Maike von Wegen fühlt sich frei und unbeschwert. Ihre Tochter lebt zur Zeit bei der Großmutter in der Mitte der Landkarte, sodass Maike in Sternform das Land bereisen und dabei immer bei ihrer Familie vorbei schauen kann auf der Strecke von einem zum anderen Konzert. Ihre Mühe wird endlich in Applausform belohnt und sie hat das Gefühl, dass sie etwas erreichen kann. Auf dem Zenit der Glückseligkeit trifft sie auch noch auf ihren Traummann. Er sammelt sie ein auf seinem Fahrrad aus der Nacht, wie ein König auf einem Pferd. Er kommt aus der Dunkelheit, bittet sie aufzusteigen und fährt sie in sein Königreich. Als sie ihm das erste Mal durch die Haare fährt, fühlt sie sich erinnert an den Mann aus ihren Träumen. Dieser Mann, der seit Jahren immer mal wieder in ihren Träumen auftaucht und am Morgen einfach gnadenlos verschwindet. Er scheint es zu sein. Ihr König. Maike ist so glücklich wie noch nie. Er ist so wunderschön und er verspricht ihr den Himmel. Ein Urlaub wird geplant. Mit den Kindern. Der König hat eine Tochter im selben Alter. Auch die Königskinder verstehen sich glänzend. Auf einmal ist alles einfach und die Welt ein bunter Spielplatz.

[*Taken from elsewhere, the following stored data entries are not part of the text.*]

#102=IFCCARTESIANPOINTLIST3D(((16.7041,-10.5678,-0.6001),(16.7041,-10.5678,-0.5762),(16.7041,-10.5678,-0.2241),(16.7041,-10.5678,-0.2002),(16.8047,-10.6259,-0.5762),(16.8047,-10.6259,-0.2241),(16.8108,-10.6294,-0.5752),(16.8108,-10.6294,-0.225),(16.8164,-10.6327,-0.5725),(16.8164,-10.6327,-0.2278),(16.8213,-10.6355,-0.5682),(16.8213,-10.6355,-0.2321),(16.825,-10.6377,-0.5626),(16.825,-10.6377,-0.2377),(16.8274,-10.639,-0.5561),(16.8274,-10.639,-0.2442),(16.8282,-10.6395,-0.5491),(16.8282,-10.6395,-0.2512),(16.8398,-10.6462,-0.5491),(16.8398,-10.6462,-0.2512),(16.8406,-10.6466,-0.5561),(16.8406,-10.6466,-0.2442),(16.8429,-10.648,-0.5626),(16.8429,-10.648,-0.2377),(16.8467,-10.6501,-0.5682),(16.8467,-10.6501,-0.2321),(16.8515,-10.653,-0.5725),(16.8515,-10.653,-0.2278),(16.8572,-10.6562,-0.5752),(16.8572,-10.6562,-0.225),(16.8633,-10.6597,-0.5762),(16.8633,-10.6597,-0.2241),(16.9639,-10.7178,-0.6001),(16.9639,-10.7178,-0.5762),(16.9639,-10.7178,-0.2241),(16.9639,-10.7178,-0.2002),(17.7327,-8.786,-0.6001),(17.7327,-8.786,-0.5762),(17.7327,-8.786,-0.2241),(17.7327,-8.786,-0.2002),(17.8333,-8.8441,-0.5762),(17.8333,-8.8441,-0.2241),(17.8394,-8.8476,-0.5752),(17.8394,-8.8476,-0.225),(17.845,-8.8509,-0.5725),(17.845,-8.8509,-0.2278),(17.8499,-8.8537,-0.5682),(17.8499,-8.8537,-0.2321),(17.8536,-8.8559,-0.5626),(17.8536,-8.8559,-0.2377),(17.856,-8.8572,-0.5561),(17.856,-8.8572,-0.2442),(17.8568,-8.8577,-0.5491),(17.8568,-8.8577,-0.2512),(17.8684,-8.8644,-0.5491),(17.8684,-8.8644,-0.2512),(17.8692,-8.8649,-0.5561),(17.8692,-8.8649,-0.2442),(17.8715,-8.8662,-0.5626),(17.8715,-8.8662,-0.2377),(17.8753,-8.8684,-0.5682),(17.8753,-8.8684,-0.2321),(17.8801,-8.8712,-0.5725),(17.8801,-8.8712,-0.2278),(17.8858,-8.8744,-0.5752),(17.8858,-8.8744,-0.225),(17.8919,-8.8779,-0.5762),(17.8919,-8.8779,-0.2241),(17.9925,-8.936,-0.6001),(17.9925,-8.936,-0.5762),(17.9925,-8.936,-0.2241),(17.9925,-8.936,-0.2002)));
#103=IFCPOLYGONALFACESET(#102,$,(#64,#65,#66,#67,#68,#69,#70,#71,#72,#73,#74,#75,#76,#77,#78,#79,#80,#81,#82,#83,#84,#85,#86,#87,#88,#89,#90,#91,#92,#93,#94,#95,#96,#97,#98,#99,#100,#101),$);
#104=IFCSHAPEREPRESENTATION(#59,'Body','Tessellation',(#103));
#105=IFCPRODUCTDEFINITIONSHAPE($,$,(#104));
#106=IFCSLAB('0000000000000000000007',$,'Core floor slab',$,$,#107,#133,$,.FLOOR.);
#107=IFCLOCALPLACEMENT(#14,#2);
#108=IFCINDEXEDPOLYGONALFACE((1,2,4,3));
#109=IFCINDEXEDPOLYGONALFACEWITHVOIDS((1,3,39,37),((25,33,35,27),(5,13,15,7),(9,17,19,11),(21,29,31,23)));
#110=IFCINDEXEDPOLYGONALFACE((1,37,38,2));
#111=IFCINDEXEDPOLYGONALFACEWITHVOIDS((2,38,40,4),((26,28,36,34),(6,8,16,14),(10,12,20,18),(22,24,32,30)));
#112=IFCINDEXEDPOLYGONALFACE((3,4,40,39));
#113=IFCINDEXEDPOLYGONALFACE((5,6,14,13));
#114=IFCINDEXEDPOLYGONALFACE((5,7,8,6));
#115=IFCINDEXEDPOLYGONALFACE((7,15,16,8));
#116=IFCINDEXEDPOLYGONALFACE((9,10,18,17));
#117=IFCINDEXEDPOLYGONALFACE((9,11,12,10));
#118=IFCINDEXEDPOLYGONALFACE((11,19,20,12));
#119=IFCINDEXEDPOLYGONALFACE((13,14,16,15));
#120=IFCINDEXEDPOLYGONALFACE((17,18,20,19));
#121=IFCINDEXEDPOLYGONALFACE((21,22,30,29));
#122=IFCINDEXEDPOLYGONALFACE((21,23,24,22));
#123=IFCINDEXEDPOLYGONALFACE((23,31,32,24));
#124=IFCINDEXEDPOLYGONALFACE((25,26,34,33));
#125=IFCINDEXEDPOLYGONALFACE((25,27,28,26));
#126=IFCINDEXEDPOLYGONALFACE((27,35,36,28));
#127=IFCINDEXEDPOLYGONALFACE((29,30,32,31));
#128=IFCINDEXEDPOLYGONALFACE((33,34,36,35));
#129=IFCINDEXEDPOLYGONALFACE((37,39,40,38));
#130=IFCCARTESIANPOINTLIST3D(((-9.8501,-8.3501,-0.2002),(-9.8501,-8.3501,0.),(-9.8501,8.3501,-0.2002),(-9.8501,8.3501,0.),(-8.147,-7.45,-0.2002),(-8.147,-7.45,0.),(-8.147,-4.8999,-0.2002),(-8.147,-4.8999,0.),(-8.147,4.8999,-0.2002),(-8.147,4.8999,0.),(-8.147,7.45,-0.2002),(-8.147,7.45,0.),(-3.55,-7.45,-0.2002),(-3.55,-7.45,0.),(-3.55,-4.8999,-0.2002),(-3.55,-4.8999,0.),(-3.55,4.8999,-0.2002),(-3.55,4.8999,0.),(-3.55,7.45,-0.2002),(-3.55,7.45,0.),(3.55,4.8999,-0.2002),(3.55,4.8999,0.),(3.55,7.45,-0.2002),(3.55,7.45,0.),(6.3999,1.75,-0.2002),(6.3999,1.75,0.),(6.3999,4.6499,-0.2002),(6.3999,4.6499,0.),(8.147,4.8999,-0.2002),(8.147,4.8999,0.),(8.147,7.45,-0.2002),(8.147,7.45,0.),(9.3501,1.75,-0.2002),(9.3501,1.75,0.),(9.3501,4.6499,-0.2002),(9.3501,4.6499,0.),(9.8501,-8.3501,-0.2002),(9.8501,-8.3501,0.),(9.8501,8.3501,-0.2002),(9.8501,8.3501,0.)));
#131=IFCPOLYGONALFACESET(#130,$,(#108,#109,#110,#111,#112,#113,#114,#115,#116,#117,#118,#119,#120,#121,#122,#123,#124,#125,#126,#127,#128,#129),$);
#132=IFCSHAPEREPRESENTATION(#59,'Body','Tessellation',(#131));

An dem Tag als Maike ihre Tochter für den gemeinsamen Urlaub bei der Großmutter abholen will, ruft sie Morgens dort an. Man müsse am Abend unbedingt mal darüber sprechen, wie Laupenta (Name selbstverstänlich geändert) demnächst auf sanfte Weise wieder in den mütterlichen Haushalt zurückgeführt werden könne. Inzwischen ist sie seit fünf Monaten bei der Großmutter und nun, da Maike ihre Pläne verwirklicht hätte, wäre es wohl an der Zeit. Die Großmutter reagiert seltsam. Etwas ist in ihrer Stimme, aber Maike kann nicht erkennen, was es ist.

Im Zug – 500 Kilometer hinter Berlin und 100 Kilometer vor dem Ziel – klingelt ihr Handy. Es ist ihre Mutter. Die Großmutter weiß, wie sehr Maike es hasst, im Zug zu telefonieren. Im Grunde ist ihr jede Regung – eigene und vor allem die der anderen –  in Zügen ein Gräuel. In einem ruhigen Tonfall erklärt sie Maike, dass sie sich am Zielort ein Hotel suchen oder einfach zurück nach Berlin fahren solle. Man würde sie am Abend nicht empfangen. Maike versteht nicht und die Großmutter erklärt, dass sie gerade bei Gericht sei. Maike bekommt es mit der Angst zu tun. Was denn geschehen sei, will sie wissen und erntet eine unfassbare Antwort:

Die Großmutter habe heute im Kindergarten die Befürchtung geäußert, die Kindsmutter plane, das Kind zu entführen. Man habe ihr darauf geraten, das Jugendamt einzuschalten und die wiederum hätten dazu geraten, beim Familiengericht der Kindsmutter in einem Eilverfahren das Aufenthaltsbestimmungsrecht entziehen zu lassen. Maike verliert den Boden unter den Füßen. Sie purzelt erbarmungslos aus den weichen Wolken, auf denen sie sich wähnte und unter ihr ist kein Ende in Sicht. Bodenloser Sturz. Kein Halt.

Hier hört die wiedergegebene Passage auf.